In the Tourism segment, investments were mainly allocated to the construction of the first premium hotel in Brazil, oriented to the Vacation Ownership segment, which was inaugurated in December 2011; in addition to investments in property maintenance and new attractions at the park.

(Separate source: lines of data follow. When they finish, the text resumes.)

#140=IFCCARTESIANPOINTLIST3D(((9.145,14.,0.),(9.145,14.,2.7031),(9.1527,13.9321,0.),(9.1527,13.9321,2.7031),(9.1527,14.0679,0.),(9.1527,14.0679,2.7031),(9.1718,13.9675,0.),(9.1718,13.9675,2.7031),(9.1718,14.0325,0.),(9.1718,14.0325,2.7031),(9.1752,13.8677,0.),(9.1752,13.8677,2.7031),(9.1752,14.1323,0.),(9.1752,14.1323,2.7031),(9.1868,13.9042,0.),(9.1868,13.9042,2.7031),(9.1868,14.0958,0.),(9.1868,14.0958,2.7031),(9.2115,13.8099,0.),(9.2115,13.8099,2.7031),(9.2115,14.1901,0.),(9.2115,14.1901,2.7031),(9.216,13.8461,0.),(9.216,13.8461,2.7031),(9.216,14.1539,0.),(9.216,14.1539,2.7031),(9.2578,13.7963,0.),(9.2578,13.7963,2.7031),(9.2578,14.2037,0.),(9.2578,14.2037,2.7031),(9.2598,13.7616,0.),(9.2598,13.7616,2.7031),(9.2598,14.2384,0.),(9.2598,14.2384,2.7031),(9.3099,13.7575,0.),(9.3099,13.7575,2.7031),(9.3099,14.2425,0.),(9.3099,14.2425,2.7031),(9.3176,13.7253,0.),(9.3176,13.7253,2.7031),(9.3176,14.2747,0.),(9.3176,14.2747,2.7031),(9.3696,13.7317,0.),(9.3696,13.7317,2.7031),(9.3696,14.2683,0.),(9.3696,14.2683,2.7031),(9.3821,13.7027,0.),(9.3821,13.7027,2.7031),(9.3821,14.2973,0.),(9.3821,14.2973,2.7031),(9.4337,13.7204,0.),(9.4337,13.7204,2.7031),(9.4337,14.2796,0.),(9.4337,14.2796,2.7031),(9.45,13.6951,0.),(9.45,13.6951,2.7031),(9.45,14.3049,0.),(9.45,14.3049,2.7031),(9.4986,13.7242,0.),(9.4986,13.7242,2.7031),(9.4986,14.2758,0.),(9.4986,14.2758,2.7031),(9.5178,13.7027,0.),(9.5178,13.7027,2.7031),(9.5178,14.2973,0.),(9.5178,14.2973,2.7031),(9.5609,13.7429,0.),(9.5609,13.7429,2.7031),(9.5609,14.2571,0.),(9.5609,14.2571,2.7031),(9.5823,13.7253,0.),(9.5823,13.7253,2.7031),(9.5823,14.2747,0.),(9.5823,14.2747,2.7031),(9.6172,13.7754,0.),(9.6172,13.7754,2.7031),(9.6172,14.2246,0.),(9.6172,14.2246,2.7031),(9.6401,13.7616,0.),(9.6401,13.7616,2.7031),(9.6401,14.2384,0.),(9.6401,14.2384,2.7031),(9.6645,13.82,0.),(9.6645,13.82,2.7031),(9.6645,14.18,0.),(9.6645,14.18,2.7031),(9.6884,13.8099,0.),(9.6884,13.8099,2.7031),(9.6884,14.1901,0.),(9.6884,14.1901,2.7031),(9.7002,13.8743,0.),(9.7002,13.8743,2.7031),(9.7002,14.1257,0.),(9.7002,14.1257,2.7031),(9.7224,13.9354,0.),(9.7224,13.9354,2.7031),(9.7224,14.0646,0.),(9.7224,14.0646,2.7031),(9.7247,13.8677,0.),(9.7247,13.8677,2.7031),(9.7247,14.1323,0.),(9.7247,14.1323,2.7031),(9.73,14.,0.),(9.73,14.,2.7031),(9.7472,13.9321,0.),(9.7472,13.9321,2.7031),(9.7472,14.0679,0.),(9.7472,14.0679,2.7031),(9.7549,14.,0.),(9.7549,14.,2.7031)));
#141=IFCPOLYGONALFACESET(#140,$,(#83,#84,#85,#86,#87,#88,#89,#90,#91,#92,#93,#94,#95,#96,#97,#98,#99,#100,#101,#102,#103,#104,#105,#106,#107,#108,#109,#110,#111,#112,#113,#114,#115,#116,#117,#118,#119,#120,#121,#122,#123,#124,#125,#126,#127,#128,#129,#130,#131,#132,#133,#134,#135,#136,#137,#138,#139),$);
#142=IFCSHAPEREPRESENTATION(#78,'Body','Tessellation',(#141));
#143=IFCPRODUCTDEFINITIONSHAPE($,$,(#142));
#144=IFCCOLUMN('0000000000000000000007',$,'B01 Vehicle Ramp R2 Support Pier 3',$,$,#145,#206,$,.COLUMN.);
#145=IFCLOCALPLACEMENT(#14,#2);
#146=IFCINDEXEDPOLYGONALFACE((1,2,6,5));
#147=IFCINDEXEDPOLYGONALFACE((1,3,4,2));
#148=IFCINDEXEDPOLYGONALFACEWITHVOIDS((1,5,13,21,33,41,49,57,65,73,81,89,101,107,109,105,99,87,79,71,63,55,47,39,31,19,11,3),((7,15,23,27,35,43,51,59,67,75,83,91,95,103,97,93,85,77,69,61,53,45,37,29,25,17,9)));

CAPEX Breakdown (R$ million)




Value Added

In 2011, the Algar Group generated a net value added of R$2.0 billion, versus R$1.7 billion in 2010, representing 56% of gross revenues, and showed the following breakdown among the various stakeholders:




Significant Financial Assistance Received from the Government

The Algar Group uses fiscal incentives from the three spheres of public administration: municipal (ISS and IPTU – Culture Incentive Law of Uberlândia), state (State Law of Incentive to Culture) and federal (Fund for Children and Adolescents (FIA), Rouanet Law – Culture Incentive Law).

Amounts in R$   
Fiscal Incentive   2011 2010 2009
 Municipal Law of Incentive to Culture (ISS/IPTU) – Uberlândia 70,000 151,000 215,000
 State of Minas Gerais Law of Incentive to Culture (ICMS-MG)   2,417,574  2,219,542  1,076,300
 Federal Law of Incentive to Culture (Rouanet Law)  801,270 804,330 392,620
 Federal Law of Incentive to Sports (Sports Law) 207,848 201,167 128,080
 Fund for Children and Teenagers  207,732 202,834 49,423

In 2011, fiscal incentives used amounted to R$3,704,424.00, which was allocated to the following projects/institutions:

1. Municipal Law of Incentive to Culture – Uberlândia               
- Aladim e a Lâmpada Maravilhosa: R$40,000.00
- Mostra de Teatro Infantojuvenil de Uberlândia: R$30,000.00

2. State of Minas Gerais Law of Incentive to Culture (ICMS-MG)
7th Festival de Cordas Nathan Schwartzman: R$137,500.00
Concurso de Bandas Triângulo Music: R$443,750.00
Do Fio ao Sem Fio: R$359,712.00
Expedição Rio Uberabinha: R$151,862.15
Olho Portátil: R$324,546.25
Orquestra Jovem de Uberlândia: R$135,000.00
Parangolé com Crianças: R$140,453.75
Rasgacêro e os Artêros Geraes: R$108,750.00                  
Triângulo das Geraes: R$291,000.00
Uberlândia de Ontem e Sempre: R$250,000.00
Se Tocar eu Danço: R$75,000.00

3. Federal Law of Incentive to Culture (Rouanet Law)
Parangolé com CriançasAno II: R$245,752.80
Ideias Incontidas – Ano II: R$254,247.20
Construção do Teatro Municipal de Uberlândia: R$100,000.00
Um Violino Com Amor: R$33,850.00
Circulação Nicolau: R$93,550.00
Rondon Pacheco: R$63,870.00
Natal no Campus 2011: R$10,000.00

4. Federal Law of Incentive to Sports (Sports Law)
Piloto do Futuro: R$207,848.00

5. Fund for Children and Teenagers
Fundação Benjamin Guimarães – Hospital da Baleia: R$5,050.00
Hospital GRAAC: R$ 7,265.00
Hospital Pequeno Príncipe – CEDCA: R$7,610.00
Conselho Municipal do Direito da Criança e do Adolescente: R$12,200.00
Conselho Tutelar de Araxá: R$16,370.00
Prefeitura de Uberaba: R$15,600.00
Lar de Amparo Menor Viva a Vida: R$40,000.00
Conselho Municipal do Direito da Criança e do Adolescente: R$4,000.00
ONG Missão Criança: R$15,600.00
AACD: R$10,000.00
Conselho Municipal dos Direitos da Criança e do Adolescente: R$12,200.00
AACD Porto Alegre: R$15,600.00
Conselho Municipal de Franca: R$12,400.00
Conselho Municipal de Itumbiara: R$7,500.00
Araguari: R$10,088.00
Cláudio: R$4,049.00

Also in 2011, the Algar Group received R$1,064,103.00 from fiscal incentives to technological innovation, directed to R&D projects of Algar Telecom and Algar Tecnologia. In 2010 and 2009, the respective amounts were R$777,408,000 and R$834,340,000.